后退几步,他也摇了摇头,“爸,天下不是所有男人都跟您一样,喜新厌旧,情人都能凑成联合国了!”他怒意正盛,“要不是因为您养那么多仨儿,妈妈能得抑郁症吗?妈妈能跳楼吗?还有我!整夜整夜的睡不着觉,每天都会做噩梦梦到妈妈的惨死,她真的好可怜…爸,您为什么从来都不觉得自己有错呢?难道您想要我跟您一样,再娶一个妈妈那样的,然后跳楼,又有一个像我这样永远都走不出痛苦的儿子,是这样吗?”他憋着一口气,泪早已模糊了双眼,“如果我是帮凶,您…就是凶手,您是杀害妈妈的凶手!”
他啜泣着,控诉着一切,说好的控制情绪却已经彻底控制不住了。
想痛快的说这些话很久了,如今说出来确实轻松了许多,感觉肩膀上压着的石头掉下去了,也不知道掉下去砸了谁的脚。
邵东阳‘噌’的一下站起来,伸出一只手指着儿子,“你!你!你…”脸被气得绯红,手指在抖,身子在晃,他满口的唾骂,“我是你老子!养你这么大我还有错了?这么多年,你吃谁的喝谁的?要不是有我给你撑着,你以为凭你那点实力能把华悦做的那么好?真是白眼狼,倒反天罡,敢骑到我头上教训你老子了?”手边的一只杯子甩出去,不偏不倚,正好砸在邵牧原的脸上,又碰到桌角,碎了一地。
月光洒进来,映在玻璃碎渣上,晶莹剔透。玻璃碎渣溅起,手臂也不幸中招,不多久,流淌的鲜血滴在玻璃碎片上,美艳动人,是那般的摄人心魂。

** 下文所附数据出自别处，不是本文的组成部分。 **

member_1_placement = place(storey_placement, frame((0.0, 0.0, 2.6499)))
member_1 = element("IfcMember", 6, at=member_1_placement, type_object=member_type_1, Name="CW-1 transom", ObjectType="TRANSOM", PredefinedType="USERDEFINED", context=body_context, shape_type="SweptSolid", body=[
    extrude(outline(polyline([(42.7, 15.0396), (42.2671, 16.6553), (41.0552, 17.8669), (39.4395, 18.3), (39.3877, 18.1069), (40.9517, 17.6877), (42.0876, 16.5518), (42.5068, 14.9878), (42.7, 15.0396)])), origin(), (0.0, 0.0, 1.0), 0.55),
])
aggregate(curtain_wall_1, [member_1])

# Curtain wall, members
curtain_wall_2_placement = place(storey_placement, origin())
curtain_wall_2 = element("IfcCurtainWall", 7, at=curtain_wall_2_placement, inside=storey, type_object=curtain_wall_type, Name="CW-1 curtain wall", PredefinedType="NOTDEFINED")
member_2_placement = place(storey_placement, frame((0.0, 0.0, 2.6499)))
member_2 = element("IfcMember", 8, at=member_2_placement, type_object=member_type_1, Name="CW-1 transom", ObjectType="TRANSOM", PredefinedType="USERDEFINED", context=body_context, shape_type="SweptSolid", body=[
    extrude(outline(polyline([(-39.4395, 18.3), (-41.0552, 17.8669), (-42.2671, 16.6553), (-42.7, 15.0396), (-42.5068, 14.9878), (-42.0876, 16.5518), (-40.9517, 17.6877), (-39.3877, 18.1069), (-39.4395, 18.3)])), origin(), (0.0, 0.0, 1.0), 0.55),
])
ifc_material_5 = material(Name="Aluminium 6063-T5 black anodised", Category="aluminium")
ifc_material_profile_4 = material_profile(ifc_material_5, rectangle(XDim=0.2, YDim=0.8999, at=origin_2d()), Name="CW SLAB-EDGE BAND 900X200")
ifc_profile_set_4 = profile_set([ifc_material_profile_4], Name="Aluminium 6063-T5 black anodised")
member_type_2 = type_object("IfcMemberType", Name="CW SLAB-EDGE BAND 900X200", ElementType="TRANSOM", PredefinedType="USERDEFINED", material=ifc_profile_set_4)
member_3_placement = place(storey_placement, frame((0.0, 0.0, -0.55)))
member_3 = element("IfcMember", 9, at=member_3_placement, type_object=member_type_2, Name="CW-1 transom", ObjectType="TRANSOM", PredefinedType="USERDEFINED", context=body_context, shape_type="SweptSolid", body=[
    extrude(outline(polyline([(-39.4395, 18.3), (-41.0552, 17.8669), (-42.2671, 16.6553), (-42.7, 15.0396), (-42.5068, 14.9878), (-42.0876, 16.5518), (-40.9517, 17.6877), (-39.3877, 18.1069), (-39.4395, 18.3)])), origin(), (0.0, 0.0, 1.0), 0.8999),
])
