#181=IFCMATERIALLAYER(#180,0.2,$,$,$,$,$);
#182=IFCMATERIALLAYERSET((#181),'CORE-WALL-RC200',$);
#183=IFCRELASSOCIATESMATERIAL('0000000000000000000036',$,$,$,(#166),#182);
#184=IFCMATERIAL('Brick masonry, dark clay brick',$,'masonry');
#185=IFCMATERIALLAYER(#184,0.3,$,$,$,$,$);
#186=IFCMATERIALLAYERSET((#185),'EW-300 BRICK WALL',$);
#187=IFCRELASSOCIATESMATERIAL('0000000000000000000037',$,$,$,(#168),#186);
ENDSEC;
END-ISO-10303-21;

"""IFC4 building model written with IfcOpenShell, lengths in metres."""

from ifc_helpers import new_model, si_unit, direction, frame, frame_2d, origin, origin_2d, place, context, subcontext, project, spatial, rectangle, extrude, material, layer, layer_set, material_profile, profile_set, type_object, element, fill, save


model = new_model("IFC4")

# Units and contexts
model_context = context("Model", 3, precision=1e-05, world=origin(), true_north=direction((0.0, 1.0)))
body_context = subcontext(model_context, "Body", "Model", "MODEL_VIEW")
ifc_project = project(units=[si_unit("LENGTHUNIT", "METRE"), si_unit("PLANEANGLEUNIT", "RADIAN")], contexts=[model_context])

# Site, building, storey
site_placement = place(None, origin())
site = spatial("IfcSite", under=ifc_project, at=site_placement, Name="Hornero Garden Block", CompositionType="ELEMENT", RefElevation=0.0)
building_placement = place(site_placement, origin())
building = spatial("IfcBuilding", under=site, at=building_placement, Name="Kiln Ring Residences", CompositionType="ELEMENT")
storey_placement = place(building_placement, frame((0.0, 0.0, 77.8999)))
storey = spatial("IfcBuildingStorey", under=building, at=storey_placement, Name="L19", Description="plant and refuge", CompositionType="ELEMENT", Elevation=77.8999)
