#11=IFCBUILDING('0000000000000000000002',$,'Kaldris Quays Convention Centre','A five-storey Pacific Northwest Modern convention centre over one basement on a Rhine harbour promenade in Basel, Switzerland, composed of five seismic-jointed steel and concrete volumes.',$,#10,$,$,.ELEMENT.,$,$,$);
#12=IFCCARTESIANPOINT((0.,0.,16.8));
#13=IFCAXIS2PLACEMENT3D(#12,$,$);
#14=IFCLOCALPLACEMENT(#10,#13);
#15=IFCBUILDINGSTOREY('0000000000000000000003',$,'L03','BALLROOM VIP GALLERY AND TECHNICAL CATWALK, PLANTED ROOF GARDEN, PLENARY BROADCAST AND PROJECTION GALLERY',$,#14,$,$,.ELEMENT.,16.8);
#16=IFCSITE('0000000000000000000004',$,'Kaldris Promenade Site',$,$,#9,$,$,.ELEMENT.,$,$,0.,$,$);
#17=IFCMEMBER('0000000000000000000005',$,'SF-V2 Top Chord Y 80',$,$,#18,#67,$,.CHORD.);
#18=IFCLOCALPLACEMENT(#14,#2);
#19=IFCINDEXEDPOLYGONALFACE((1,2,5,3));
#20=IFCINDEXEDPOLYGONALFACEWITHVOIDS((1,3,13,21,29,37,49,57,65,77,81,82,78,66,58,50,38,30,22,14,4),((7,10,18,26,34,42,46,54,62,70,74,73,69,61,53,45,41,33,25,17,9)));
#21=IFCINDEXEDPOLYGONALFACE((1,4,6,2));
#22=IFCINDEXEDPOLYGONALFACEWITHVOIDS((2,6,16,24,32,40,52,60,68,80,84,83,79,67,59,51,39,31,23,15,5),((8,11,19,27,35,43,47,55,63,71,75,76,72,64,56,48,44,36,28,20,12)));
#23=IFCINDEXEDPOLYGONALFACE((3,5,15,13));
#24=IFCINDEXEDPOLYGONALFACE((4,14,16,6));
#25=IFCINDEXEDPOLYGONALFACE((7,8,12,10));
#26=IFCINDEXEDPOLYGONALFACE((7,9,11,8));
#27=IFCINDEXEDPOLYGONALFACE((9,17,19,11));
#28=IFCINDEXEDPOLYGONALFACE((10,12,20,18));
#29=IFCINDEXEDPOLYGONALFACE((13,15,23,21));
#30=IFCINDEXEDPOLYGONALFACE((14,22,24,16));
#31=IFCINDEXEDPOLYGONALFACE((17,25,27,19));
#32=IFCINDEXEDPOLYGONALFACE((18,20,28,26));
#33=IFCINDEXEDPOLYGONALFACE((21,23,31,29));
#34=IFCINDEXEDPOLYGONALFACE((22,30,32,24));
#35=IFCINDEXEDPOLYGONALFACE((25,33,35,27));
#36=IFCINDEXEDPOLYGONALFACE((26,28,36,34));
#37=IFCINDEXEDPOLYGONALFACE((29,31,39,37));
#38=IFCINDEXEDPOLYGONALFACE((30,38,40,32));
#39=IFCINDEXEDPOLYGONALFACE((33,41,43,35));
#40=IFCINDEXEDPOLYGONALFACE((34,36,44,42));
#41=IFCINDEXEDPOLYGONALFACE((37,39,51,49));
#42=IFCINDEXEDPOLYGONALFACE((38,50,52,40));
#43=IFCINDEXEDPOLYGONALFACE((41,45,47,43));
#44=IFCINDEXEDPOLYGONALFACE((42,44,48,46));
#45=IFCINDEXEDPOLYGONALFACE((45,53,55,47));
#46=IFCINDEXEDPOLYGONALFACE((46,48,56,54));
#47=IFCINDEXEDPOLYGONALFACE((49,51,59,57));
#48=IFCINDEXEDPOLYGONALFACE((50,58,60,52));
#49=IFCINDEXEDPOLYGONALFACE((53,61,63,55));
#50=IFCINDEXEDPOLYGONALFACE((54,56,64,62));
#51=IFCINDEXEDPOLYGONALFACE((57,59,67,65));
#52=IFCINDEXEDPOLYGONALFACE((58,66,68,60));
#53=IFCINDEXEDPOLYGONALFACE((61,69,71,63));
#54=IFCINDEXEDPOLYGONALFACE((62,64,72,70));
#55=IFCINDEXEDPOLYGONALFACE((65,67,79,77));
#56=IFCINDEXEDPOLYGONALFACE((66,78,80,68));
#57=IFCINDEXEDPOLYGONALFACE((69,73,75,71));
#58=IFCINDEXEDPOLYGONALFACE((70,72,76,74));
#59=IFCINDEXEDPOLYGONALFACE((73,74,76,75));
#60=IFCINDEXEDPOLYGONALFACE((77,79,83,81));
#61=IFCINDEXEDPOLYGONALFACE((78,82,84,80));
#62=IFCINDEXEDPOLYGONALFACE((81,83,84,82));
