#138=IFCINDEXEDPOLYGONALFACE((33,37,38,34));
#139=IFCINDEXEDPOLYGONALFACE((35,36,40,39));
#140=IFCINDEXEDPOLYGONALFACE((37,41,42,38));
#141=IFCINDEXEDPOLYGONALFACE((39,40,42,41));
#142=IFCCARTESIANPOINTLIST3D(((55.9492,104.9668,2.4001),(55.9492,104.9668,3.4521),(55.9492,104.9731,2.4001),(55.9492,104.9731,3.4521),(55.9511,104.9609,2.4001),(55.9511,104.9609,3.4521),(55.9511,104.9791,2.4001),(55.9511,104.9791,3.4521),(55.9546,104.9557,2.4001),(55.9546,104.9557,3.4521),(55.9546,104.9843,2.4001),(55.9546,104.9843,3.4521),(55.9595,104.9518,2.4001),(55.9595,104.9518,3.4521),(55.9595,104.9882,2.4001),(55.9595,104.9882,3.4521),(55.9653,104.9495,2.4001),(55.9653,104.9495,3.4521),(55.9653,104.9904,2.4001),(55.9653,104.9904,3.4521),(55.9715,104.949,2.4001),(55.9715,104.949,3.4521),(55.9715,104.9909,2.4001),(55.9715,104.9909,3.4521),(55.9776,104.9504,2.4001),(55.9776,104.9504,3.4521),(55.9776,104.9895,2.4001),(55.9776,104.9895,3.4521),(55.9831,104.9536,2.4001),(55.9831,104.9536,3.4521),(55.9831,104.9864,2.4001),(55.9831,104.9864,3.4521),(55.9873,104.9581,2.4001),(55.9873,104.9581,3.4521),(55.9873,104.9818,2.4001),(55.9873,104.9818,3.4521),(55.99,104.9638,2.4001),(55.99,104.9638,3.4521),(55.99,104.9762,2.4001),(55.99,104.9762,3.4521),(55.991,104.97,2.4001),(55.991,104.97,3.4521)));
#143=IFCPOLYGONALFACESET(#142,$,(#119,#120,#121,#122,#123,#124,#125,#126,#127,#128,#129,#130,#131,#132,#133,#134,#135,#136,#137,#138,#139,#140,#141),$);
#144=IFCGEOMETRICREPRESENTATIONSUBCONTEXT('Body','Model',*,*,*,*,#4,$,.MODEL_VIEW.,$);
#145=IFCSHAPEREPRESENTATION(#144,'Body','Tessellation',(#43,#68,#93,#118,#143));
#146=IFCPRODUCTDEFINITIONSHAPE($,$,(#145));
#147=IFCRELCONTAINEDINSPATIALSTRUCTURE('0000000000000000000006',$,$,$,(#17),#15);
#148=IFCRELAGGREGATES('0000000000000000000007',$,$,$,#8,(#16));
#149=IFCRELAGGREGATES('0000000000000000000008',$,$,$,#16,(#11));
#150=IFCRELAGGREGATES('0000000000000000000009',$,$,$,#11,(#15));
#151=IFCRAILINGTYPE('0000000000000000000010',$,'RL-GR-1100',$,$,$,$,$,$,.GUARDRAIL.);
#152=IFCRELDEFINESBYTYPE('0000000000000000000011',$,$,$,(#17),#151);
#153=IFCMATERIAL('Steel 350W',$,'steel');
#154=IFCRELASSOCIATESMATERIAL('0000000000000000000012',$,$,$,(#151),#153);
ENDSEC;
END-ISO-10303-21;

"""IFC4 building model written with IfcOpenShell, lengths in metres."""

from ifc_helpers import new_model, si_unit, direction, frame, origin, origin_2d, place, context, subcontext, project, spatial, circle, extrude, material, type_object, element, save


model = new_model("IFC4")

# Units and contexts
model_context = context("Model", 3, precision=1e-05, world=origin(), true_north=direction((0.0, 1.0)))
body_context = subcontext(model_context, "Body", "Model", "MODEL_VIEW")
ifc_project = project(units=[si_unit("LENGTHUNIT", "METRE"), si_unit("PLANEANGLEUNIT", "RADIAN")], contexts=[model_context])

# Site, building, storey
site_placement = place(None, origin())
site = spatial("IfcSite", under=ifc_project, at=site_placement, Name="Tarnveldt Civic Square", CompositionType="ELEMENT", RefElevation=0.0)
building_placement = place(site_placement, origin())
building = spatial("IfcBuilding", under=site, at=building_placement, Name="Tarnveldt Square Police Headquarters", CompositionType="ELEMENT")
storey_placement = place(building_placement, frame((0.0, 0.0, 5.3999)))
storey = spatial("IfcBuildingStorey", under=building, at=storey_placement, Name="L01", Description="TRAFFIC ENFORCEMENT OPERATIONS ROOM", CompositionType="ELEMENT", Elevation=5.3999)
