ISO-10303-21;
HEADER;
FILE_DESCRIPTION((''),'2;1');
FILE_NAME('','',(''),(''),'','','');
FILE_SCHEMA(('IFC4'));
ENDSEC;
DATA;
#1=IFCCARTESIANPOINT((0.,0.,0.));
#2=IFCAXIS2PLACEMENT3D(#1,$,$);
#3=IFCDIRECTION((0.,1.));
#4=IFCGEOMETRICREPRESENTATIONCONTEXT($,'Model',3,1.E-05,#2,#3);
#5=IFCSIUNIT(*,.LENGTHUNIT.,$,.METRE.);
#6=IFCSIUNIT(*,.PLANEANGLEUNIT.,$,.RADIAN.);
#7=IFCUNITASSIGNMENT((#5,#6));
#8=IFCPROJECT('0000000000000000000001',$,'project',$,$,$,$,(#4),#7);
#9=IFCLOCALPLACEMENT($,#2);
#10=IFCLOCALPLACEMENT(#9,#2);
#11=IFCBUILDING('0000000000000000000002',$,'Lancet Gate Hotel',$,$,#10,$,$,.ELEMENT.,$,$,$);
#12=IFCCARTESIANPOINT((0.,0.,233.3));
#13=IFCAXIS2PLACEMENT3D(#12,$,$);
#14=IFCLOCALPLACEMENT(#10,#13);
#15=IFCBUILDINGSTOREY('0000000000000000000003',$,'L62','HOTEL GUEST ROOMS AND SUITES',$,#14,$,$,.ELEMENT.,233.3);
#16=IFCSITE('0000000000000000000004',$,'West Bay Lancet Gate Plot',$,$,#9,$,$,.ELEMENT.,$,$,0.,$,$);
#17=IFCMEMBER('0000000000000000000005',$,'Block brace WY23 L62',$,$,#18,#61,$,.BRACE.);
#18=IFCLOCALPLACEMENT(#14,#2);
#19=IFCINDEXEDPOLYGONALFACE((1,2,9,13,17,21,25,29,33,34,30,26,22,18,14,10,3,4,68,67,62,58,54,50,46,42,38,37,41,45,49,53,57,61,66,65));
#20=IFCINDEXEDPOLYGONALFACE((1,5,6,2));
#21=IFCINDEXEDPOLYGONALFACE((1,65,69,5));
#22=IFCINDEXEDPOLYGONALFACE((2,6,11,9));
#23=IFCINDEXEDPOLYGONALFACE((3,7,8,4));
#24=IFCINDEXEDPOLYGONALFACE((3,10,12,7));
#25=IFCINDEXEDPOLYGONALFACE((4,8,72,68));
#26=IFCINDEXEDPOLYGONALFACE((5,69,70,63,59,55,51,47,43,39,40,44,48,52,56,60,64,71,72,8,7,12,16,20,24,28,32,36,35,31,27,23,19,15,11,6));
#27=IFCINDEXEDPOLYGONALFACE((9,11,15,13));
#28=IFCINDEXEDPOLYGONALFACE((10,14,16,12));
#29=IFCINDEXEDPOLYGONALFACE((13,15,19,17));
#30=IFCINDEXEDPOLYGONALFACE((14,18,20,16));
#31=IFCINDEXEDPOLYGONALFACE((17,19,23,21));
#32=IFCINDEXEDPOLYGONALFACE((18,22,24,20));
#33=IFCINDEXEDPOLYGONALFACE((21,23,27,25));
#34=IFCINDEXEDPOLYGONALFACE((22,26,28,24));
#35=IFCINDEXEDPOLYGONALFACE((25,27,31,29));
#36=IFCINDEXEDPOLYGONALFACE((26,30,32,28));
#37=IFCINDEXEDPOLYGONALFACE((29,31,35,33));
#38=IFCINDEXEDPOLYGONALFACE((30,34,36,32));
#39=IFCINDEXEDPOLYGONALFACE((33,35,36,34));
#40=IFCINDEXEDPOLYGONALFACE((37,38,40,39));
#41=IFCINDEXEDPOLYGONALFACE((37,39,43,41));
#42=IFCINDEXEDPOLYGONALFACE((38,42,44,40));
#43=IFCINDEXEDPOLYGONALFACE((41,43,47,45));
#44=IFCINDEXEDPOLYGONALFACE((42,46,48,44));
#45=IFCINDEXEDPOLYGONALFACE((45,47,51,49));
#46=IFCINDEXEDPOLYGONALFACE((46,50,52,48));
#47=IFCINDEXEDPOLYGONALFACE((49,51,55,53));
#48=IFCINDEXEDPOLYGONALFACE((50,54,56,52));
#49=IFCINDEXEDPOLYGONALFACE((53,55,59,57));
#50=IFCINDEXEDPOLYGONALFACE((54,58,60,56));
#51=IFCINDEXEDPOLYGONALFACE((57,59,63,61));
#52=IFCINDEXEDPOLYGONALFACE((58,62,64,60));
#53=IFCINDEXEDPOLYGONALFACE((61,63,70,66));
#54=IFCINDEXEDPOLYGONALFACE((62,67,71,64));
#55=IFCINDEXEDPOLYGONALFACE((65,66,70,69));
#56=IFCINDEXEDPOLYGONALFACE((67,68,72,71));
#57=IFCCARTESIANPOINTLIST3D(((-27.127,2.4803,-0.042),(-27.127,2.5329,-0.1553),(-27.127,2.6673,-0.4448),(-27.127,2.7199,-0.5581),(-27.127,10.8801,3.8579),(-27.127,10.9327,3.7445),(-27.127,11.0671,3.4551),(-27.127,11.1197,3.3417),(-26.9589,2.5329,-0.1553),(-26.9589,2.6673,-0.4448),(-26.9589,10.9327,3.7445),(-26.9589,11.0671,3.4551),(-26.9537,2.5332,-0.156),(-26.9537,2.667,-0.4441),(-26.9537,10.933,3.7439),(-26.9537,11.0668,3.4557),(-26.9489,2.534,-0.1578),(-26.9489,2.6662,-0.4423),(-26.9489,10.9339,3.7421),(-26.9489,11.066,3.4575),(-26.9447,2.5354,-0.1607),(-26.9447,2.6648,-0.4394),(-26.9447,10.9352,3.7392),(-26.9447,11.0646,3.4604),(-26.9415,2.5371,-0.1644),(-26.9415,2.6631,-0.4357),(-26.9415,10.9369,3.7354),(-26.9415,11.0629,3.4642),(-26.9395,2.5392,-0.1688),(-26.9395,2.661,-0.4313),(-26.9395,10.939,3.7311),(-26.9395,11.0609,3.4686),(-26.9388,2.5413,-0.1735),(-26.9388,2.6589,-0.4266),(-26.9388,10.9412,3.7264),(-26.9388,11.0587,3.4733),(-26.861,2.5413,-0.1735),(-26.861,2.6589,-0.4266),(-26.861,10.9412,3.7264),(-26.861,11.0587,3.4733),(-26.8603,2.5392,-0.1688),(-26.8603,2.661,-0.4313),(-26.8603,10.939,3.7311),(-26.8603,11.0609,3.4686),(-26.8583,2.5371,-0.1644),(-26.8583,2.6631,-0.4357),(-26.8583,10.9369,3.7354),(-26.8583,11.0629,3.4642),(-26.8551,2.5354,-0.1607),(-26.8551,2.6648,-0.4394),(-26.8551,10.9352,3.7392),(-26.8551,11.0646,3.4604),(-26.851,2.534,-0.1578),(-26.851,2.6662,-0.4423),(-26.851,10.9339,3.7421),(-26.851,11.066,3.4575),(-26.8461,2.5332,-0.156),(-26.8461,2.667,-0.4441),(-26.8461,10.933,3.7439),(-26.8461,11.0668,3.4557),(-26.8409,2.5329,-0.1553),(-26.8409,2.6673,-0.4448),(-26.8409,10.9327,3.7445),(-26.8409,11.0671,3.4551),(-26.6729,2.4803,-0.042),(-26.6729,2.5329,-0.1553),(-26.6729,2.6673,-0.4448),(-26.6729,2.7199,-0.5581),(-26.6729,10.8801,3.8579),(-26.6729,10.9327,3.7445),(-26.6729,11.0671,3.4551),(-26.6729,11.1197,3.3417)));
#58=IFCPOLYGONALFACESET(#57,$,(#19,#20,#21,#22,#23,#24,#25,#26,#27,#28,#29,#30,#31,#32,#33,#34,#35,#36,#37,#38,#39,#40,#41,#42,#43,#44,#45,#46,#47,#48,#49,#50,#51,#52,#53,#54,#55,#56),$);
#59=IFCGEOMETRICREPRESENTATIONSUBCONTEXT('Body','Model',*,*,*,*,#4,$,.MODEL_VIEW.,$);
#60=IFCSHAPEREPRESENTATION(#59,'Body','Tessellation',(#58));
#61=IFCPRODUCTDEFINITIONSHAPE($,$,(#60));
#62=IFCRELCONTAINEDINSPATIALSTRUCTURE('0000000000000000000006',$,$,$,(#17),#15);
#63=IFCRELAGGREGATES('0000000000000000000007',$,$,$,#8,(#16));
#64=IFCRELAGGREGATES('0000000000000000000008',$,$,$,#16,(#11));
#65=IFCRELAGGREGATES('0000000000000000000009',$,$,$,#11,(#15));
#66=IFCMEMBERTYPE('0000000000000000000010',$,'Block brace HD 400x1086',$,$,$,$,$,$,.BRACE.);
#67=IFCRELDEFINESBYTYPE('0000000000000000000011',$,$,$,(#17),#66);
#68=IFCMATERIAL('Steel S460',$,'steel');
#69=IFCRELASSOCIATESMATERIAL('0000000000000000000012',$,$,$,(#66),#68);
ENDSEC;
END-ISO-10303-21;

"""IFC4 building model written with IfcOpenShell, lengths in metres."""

from ifc_helpers import new_model, si_unit, direction, frame, origin, origin_2d, place, context, subcontext, project, spatial, i_section, extrude, material, material_profile, profile_set, type_object, element, save


model = new_model("IFC4")

# Units and contexts
model_context = context("Model", 3, precision=1e-05, world=origin(), true_north=direction((0.0, 1.0)))
body_context = subcontext(model_context, "Body", "Model", "MODEL_VIEW")
ifc_project = project(units=[si_unit("LENGTHUNIT", "METRE"), si_unit("PLANEANGLEUNIT", "RADIAN")], contexts=[model_context])

# Site, building, storey
site_placement = place(None, origin())
site = spatial("IfcSite", under=ifc_project, at=site_placement, Name="West Bay Lancet Gate Plot", CompositionType="ELEMENT", RefElevation=0.0)
building_placement = place(site_placement, origin())
building = spatial("IfcBuilding", under=site, at=building_placement, Name="Lancet Gate Hotel", CompositionType="ELEMENT")
storey_placement = place(building_placement, frame((0.0, 0.0, 233.3)))
storey = spatial("IfcBuildingStorey", under=building, at=storey_placement, Name="L62", Description="HOTEL GUEST ROOMS AND SUITES", CompositionType="ELEMENT", Elevation=233.3)

# Member
ifc_material_1 = material(Name="Steel S460", Category="steel")
ifc_material_profile_1 = material_profile(ifc_material_1, i_section(OverallWidth=0.4541, OverallDepth=0.5691, WebThickness=0.0779, FlangeThickness=0.125, FilletRadius=0.02, at=origin_2d()), Name="HD 400x1086")
ifc_profile_set_1 = profile_set([ifc_material_profile_1], Name="Steel S460")
member_type = type_object("IfcMemberType", Name="Block brace HD 400x1086", PredefinedType="BRACE", material=ifc_profile_set_1)
member_1_placement = place(storey_placement, frame((-26.8999, 2.6001, -0.3), z_axis=(0.0, 0.907011, 0.421107), x_axis=(-1.0, 0.0, 0.0)))
element("IfcMember", 1, at=member_1_placement, inside=storey, type_object=member_type, Name="Block brace WY23 L62", PredefinedType="BRACE", context=body_context, shape_type="SweptSolid", body=[
    extrude(i_section(OverallWidth=0.4541, OverallDepth=0.5691, WebThickness=0.0779, FlangeThickness=0.125, FilletRadius=0.02, at=origin_2d()), origin(), (0.0, 0.0, 1.0), 9.261),
])

save(model, "model.ifc")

邵东阳愣在原地,看着儿子手臂上的血痕,一时之间忘了要做什么。
本来今天是不想生气,想要和和气气的谈一谈的,可是…又变成了这副德行,为什么总是变成这样呢?
“很好,”邵牧原笑着,那副面容冷到了极致,“您总是这样,讲到痛处就会避重就轻,错了就是错了,不承认也没用!”
门‘砰’的一声被关上,一道那么轻薄的门却能将血浓于水的父子俩隔开千万丈远,这千万丈也不知何时能建桥,又或许再没有建桥的可能。
我们总是把最惨不忍睹的一面留给最亲近的人,不是自愿,而是本能。
所以我们一生都要去学习的,大概是,对于最亲近的人,克制最流氓的脾气。
跌坐在沙发上,他看着地上残破的碎片,上面的血迹格外扎眼。
将那只丢出去杯子的手伸在眼前,他瞧着那只手一直抖着,越来越抖。像是传染似的,他嘴唇也开始抖,心脏突突地,面部抽搐,感觉就要死掉了。
他真的错了吗?
可他明明很听父亲的话,好好上学,长大成人,娶妻生子,继承家业,稳扎稳打,每一步他都是按照父亲规划好的那样走,他又有什么错呢?
双手抱头,他将头埋得很低,几乎低到看不清他的轮廓。
暴起的青筋,发酸的鼻头,猩红的双眼,随着地毯上滴落的泪,邵东阳已经很久没有像这样不堪的哭过了。
他啜泣着,身子一抽一抽的,像个没有糖吃就闹脾气的孩童,没心没肺的嘶吼着。
年过花甲的年纪,第一次被人指着骂他错了,他以为自己有千万句合情合理的话反驳回去,可到头来不过是那些不轻不重,不痛不痒的口水话。